GSA weighing tiered fee structure for telecom contracts

The General Services Administration may charge agencies using new telecommunications service contracts varying fees depending on the level of support they need, a GSA official said Thursday.

John Johnson, assistant commissioner for integrated technology services at GSA's Federal Acquisition Service, said he started looking at the fee structure for the so-called Networx contracts about a year ago. Officials are weighing whether they should move from the across-the-board fee used under the existing telecommunications contracts to a tiered structure, he said. A 7 percent management fee arrangement has rankled many agencies using the current FTS 2001 contracts.

Johnson compared the possible tiered fee structure to varying rates that cable companies charge customers, depending on the number of channels received. He said GSA is not attempting to make money from Networx contracts.

"We're looking at recovering our costs," he said at the Federal Networks 2007 conference in McLean, Va. "To transition 135 agencies and 1,600 sub-bureaus in this environment with all the contract complexities -- it is not going to happen overnight."

Warren Suss, president of Suss Consulting Inc. in Jenkintown, Pa., which hosted the conference, said that a deal GSA offered to lure the Treasury Department to cancel a solo telecommunications procurement in favor of using Networx "opened up a can of worms."

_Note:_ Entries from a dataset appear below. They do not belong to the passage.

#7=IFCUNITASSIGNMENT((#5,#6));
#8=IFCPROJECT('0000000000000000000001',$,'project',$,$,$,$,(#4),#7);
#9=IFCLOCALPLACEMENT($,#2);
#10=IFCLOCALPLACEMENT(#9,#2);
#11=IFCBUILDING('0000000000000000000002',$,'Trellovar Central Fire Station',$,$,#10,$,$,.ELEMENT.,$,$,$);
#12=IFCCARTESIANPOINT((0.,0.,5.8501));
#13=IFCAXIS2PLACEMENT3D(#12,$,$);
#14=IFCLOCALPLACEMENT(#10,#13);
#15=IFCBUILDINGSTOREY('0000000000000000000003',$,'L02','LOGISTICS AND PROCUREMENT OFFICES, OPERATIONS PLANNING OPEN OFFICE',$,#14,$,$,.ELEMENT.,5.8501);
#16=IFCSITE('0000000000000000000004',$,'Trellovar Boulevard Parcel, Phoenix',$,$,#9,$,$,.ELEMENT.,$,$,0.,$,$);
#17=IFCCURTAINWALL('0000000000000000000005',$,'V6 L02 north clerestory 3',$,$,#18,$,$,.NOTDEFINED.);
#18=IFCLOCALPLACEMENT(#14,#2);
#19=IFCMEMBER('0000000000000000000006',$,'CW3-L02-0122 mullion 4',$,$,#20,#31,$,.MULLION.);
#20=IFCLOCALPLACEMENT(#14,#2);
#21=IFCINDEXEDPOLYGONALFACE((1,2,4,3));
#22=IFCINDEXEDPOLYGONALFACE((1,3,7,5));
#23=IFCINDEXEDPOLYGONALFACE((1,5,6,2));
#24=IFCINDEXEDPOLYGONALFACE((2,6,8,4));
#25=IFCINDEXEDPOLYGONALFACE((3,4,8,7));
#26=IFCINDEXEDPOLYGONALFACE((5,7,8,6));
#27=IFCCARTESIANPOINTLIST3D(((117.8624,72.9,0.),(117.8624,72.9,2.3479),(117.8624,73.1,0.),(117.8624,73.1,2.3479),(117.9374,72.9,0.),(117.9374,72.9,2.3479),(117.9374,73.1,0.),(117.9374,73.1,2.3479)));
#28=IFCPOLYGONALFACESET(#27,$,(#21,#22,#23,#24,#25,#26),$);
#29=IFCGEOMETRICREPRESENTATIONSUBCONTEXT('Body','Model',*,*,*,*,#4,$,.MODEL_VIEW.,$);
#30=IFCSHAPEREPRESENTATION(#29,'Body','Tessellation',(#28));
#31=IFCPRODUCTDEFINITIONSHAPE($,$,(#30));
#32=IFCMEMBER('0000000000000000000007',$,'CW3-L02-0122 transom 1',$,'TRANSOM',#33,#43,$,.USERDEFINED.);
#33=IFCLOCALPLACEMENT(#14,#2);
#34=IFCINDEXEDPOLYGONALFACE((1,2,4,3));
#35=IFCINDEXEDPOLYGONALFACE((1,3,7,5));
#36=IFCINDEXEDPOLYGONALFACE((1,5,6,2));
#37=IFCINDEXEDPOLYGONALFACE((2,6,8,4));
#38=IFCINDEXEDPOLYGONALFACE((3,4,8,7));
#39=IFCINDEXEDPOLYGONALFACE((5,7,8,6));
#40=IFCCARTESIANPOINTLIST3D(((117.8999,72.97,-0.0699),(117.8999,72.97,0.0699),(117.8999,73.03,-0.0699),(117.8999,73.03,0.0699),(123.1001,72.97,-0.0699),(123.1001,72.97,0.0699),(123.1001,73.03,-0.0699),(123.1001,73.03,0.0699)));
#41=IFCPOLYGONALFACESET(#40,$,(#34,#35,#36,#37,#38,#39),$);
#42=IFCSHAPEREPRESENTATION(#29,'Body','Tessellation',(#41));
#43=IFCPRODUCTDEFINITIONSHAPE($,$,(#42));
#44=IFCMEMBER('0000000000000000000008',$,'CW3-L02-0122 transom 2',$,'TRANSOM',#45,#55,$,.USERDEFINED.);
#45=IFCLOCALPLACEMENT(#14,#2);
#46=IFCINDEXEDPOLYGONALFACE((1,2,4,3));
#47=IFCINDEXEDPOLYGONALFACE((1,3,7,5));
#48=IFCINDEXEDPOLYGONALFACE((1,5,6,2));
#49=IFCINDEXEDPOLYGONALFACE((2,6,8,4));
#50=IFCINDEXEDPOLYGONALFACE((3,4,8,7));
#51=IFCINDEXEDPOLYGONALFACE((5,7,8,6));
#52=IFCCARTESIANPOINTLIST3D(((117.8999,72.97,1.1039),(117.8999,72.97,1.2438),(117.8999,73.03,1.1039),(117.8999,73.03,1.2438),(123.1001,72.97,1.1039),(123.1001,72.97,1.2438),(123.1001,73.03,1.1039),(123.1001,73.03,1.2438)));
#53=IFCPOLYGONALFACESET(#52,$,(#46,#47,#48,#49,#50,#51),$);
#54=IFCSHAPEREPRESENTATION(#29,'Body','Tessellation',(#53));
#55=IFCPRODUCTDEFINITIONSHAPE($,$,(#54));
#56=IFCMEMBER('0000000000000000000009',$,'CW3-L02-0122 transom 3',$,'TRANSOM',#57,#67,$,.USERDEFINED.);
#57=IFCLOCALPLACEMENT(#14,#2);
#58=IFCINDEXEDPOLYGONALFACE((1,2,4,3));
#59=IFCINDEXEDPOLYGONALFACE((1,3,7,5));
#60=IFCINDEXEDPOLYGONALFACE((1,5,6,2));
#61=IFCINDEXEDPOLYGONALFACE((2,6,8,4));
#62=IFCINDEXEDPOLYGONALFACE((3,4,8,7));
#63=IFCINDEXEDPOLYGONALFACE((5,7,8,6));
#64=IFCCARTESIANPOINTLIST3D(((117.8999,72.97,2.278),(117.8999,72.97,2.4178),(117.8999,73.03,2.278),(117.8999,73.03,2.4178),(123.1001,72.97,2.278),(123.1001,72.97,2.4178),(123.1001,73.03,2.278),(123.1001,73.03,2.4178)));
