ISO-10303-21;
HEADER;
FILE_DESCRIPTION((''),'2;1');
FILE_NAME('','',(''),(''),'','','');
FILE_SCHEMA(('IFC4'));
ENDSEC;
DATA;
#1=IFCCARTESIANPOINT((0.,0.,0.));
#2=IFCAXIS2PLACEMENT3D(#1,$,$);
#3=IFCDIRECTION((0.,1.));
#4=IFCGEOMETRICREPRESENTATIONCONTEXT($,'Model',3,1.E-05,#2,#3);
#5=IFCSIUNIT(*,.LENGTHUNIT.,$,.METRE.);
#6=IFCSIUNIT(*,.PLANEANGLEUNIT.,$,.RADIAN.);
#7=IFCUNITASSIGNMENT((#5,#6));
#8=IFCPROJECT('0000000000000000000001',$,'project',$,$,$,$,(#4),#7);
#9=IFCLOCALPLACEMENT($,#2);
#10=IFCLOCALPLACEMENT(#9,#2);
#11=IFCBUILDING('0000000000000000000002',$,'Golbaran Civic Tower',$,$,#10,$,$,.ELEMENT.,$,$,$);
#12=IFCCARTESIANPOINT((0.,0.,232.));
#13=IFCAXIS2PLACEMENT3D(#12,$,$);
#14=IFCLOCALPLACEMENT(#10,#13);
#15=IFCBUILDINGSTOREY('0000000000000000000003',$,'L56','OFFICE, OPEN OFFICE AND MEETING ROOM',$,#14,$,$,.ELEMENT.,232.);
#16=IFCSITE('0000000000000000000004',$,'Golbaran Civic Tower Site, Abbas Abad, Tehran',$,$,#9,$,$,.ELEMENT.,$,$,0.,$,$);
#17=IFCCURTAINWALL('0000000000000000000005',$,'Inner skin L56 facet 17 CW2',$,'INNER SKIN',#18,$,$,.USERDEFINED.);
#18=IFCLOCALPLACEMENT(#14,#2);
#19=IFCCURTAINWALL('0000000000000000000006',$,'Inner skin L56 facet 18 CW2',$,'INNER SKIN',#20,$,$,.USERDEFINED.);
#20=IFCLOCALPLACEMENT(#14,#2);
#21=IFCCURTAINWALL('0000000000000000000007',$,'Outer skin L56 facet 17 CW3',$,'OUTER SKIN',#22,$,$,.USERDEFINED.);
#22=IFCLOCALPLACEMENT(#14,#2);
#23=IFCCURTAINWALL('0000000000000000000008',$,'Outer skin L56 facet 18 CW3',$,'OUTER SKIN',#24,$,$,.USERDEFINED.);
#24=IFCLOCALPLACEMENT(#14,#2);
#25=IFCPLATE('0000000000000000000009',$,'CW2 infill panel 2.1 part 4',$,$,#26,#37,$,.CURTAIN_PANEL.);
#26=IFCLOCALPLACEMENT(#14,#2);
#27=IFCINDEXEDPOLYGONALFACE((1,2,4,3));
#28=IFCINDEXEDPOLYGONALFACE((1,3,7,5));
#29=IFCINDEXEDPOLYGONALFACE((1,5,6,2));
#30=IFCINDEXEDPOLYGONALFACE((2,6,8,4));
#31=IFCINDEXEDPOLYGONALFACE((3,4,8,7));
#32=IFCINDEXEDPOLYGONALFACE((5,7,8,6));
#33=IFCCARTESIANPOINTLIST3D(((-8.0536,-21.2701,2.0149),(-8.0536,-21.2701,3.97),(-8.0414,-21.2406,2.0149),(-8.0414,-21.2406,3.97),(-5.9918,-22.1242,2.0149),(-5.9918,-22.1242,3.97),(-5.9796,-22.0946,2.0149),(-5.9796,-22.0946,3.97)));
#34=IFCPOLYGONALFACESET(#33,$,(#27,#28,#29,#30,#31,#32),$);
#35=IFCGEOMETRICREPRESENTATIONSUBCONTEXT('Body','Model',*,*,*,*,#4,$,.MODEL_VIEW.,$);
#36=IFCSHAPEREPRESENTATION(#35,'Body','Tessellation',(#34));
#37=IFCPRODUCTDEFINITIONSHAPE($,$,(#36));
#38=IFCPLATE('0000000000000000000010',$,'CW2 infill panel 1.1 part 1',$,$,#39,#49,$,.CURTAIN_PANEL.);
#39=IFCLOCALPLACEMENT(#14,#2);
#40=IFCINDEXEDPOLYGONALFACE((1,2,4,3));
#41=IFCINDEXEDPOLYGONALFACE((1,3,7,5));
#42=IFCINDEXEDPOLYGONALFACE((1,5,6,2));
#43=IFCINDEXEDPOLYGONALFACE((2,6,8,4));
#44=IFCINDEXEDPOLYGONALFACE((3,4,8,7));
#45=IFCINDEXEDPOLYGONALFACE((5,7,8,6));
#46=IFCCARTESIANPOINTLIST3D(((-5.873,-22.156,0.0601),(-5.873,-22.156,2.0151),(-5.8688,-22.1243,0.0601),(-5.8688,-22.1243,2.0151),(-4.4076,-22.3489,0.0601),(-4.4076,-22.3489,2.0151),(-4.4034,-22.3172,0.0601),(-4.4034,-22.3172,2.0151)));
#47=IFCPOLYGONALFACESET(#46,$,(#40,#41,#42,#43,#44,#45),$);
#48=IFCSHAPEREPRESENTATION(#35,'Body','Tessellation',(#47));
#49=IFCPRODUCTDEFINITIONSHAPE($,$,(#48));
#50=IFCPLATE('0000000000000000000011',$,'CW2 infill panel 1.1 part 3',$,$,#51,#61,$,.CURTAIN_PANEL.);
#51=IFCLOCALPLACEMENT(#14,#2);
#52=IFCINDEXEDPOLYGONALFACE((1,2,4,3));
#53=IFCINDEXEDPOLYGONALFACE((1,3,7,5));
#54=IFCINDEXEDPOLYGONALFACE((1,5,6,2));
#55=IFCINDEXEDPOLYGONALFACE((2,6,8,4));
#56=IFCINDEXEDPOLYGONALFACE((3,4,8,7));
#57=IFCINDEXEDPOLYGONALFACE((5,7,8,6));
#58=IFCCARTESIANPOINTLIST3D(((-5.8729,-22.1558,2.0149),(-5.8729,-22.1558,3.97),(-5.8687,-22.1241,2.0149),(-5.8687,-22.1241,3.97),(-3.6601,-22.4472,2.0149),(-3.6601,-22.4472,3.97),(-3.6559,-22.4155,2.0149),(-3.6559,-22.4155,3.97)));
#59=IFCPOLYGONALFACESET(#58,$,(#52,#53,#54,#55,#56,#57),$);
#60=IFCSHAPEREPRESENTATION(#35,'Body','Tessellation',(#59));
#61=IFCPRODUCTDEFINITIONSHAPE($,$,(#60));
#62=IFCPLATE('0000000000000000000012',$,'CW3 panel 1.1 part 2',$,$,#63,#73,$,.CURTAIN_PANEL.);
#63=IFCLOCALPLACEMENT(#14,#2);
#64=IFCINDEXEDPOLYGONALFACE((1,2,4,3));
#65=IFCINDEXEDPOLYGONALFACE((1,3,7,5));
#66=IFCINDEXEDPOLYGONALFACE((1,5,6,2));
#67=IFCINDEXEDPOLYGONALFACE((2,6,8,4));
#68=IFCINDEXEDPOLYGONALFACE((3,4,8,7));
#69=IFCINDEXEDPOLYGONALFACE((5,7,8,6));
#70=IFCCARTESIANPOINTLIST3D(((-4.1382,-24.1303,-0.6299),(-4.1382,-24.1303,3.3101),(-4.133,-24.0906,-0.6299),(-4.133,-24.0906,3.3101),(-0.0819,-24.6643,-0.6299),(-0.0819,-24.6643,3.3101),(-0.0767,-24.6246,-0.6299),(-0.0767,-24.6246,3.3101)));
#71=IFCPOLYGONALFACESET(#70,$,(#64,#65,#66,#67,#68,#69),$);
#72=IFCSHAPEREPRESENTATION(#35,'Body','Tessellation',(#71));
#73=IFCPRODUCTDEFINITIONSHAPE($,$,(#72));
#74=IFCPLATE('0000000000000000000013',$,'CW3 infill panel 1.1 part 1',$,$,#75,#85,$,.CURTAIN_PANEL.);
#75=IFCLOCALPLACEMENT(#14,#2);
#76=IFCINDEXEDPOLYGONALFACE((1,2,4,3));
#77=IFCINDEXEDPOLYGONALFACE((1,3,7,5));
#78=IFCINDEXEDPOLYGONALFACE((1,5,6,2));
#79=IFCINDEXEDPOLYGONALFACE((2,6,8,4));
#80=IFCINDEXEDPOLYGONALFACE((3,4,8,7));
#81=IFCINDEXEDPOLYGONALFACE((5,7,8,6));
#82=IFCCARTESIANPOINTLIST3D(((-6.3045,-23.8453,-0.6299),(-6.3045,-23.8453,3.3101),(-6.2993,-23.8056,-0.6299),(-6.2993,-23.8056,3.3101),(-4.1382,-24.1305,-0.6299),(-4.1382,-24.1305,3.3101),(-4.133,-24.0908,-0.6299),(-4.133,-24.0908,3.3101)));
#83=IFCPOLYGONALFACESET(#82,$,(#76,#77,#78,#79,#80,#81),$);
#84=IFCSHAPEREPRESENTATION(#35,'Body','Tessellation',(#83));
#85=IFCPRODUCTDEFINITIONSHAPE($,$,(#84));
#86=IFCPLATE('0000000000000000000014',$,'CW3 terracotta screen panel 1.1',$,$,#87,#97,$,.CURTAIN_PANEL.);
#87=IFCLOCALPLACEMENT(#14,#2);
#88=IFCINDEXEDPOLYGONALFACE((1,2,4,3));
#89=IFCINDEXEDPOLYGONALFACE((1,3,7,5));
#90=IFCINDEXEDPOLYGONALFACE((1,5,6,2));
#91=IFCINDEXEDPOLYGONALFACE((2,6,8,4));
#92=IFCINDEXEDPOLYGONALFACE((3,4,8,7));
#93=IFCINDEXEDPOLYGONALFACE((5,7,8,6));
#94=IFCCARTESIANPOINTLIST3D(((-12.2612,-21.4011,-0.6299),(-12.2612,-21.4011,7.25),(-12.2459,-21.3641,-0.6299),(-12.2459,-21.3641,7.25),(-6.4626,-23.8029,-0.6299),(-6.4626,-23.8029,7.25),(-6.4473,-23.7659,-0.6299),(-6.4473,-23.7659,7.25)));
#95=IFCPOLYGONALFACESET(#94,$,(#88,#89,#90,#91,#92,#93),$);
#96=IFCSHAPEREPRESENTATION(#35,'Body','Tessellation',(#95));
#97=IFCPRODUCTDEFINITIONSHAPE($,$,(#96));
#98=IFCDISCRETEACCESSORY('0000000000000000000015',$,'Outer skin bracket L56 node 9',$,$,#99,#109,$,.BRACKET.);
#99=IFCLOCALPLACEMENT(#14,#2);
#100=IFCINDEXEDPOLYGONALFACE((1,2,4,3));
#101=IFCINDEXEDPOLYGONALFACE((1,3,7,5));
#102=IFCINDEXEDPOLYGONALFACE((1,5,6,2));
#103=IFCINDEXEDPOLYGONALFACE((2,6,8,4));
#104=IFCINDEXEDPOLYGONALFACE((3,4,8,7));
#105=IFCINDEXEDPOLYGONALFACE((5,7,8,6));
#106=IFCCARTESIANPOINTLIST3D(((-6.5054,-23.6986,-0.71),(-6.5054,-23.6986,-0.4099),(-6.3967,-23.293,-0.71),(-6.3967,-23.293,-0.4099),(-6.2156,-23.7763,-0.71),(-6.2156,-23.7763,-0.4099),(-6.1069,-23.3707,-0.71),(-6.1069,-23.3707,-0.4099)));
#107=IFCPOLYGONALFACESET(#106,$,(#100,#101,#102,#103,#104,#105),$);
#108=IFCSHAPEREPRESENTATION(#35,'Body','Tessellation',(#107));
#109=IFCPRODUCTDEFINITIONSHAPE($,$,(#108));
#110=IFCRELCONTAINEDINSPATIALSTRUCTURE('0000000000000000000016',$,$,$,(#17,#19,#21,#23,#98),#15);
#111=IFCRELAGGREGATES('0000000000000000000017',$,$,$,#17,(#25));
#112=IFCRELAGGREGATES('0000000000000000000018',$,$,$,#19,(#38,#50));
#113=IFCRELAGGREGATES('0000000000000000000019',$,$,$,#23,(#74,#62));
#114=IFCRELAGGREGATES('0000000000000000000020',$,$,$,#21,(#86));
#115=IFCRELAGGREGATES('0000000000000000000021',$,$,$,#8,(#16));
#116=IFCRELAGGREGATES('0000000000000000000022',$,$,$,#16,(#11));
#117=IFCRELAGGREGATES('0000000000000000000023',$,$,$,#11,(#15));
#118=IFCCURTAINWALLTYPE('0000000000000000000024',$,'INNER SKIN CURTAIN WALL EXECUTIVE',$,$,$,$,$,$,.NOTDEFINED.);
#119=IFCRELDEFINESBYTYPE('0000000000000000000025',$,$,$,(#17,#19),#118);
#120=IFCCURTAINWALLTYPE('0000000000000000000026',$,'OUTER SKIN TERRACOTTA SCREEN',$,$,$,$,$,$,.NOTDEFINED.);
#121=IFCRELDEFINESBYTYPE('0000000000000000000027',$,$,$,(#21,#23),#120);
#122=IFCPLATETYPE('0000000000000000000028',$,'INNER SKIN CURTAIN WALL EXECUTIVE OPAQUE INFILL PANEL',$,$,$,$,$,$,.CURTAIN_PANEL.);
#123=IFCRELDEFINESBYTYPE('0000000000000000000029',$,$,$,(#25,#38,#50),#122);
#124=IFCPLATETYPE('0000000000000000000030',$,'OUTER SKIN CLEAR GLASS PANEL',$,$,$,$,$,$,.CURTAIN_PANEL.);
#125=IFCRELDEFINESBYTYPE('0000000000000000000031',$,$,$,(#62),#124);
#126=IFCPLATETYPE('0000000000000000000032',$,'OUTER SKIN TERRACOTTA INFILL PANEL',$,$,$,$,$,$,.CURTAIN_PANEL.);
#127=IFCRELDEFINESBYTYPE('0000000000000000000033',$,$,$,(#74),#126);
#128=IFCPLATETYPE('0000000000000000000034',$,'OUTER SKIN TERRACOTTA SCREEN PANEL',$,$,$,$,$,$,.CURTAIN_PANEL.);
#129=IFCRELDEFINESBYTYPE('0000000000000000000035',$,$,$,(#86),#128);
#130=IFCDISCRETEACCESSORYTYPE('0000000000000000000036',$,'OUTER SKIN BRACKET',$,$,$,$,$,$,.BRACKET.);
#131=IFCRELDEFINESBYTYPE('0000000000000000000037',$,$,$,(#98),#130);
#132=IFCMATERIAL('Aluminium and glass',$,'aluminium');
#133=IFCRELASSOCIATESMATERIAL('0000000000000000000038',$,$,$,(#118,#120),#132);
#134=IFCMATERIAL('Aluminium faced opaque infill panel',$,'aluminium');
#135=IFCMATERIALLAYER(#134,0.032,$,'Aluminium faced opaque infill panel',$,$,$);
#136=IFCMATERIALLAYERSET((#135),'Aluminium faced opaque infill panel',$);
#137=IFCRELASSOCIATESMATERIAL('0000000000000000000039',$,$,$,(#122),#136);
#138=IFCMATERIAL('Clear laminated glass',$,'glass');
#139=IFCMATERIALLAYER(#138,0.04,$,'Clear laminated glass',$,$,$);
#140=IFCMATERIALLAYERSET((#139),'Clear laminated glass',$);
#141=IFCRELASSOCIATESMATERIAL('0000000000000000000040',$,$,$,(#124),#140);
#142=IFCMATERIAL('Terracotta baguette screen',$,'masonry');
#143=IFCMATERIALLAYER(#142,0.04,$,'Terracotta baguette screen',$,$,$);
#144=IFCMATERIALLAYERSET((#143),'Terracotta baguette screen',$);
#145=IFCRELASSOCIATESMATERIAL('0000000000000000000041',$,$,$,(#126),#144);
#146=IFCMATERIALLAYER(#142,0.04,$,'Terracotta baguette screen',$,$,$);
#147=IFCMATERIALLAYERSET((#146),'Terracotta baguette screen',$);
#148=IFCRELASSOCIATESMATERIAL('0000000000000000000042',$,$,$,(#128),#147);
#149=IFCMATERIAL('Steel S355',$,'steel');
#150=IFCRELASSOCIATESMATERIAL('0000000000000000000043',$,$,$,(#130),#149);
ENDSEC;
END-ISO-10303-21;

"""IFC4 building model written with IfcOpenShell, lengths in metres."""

from ifc_helpers import new_model, si_unit, direction, frame, origin, origin_2d, place, context, subcontext, project, spatial, rectangle, extrude, material, layer, layer_set, type_object, element, aggregate, save


model = new_model("IFC4")

# Units and contexts
model_context = context("Model", 3, precision=1e-05, world=origin(), true_north=direction((0.0, 1.0)))
body_context = subcontext(model_context, "Body", "Model", "MODEL_VIEW")
ifc_project = project(units=[si_unit("LENGTHUNIT", "METRE"), si_unit("PLANEANGLEUNIT", "RADIAN")], contexts=[model_context])

# Site, building, storey
site_placement = place(None, origin())
site = spatial("IfcSite", under=ifc_project, at=site_placement, Name="Golbaran Civic Tower Site, Abbas Abad, Tehran", CompositionType="ELEMENT", RefElevation=0.0)
building_placement = place(site_placement, origin())
building = spatial("IfcBuilding", under=site, at=building_placement, Name="Golbaran Civic Tower", CompositionType="ELEMENT")
storey_placement = place(building_placement, frame((0.0, 0.0, 232.0)))
storey = spatial("IfcBuildingStorey", under=building, at=storey_placement, Name="L56", Description="OFFICE, OPEN OFFICE AND MEETING ROOM", CompositionType="ELEMENT", Elevation=232.0)

# Shared definitions
ifc_material_1 = material(Name="Steel S355", Category="steel")

# Curtain wall
ifc_material_2 = material(Name="Aluminium and glass", Category="aluminium")
curtain_wall_type_1 = type_object("IfcCurtainWallType", Name="INNER SKIN CURTAIN WALL EXECUTIVE", PredefinedType="NOTDEFINED", material=ifc_material_2)
curtain_wall_1_placement = place(storey_placement, origin())
curtain_wall_1 = element("IfcCurtainWall", 1, at=curtain_wall_1_placement, inside=storey, type_object=curtain_wall_type_1, Name="Inner skin L56 facet 17 CW2", ObjectType="INNER SKIN", PredefinedType="USERDEFINED")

The deal will give Treasury a 50 percent reduction in the service fee on Networx for a decade. Johnson has said that in exchange for the lower overhead, Treasury will receive far less support from GSA.

Agencies have always sought lower overhead fees from GSA, but Suss said he believed they had come to accept the flat, across-the-board structure. GSA uses tiered fee structures for many of its other contract vehicles so the arrangement would not be unique, but the rules must be very clear, he said.

"If you don't set out the rules of the road very clearly and if you don't have a clear relationship between the value provided and the pricing levels, you're going to get into a lot of squabbles with the agencies," Suss said.

Jim Dolezal, a former telecommunications director at the Interior Department and lead telecommunications consultant at Suss Consulting, said agencies are supportive of the fee structure review because some have very little need for GSA assistance and do not want to pay the full fee.

Johnson said GSA officials are "working tirelessly" to award contracts for Networx Universal, the largest part of the telecom procurement, in March. The second, smaller portion of the procurement, known as Networx Enterprise, is on track for awards in May, Johnson said. He emphasized that agencies, the industry and GSA all have roles to play in the transition from FTS 2001 to Networx.

GSA also is in the early stages of setting up an office to manage a transition to the next generation of the Internet, which is known as Internet Protocol version 6, or IPv6, Johnson said at the conference. The agency needs "some kind of champion" for IPv6 across GSA's IT portfolio, Johnson said.

The office would support an August 2005 Office of Management and Budget mandate that requires all federal agencies to switch the backbone of their networks from the current Internet Protocol version 4 to IPv6 by June 2008, Johnson said.

"I think OMB is supportive of anything that will help further the policy," he said. "If they send out a policy mandate that says 'thou shall,' we're trying to make it real."

Members of Congress have pushed the Bush administration to appoint an IPv6 czar in OMB, but officials argue that Karen Evans, the administrator of OMB's Office of E-Government and Information Technology, already has the authority and is providing the oversight, policies and framework needed for the transition.

In August, the Government Accountability Office found that several agencies had failed to meet critical OMB deadlines for making the transition.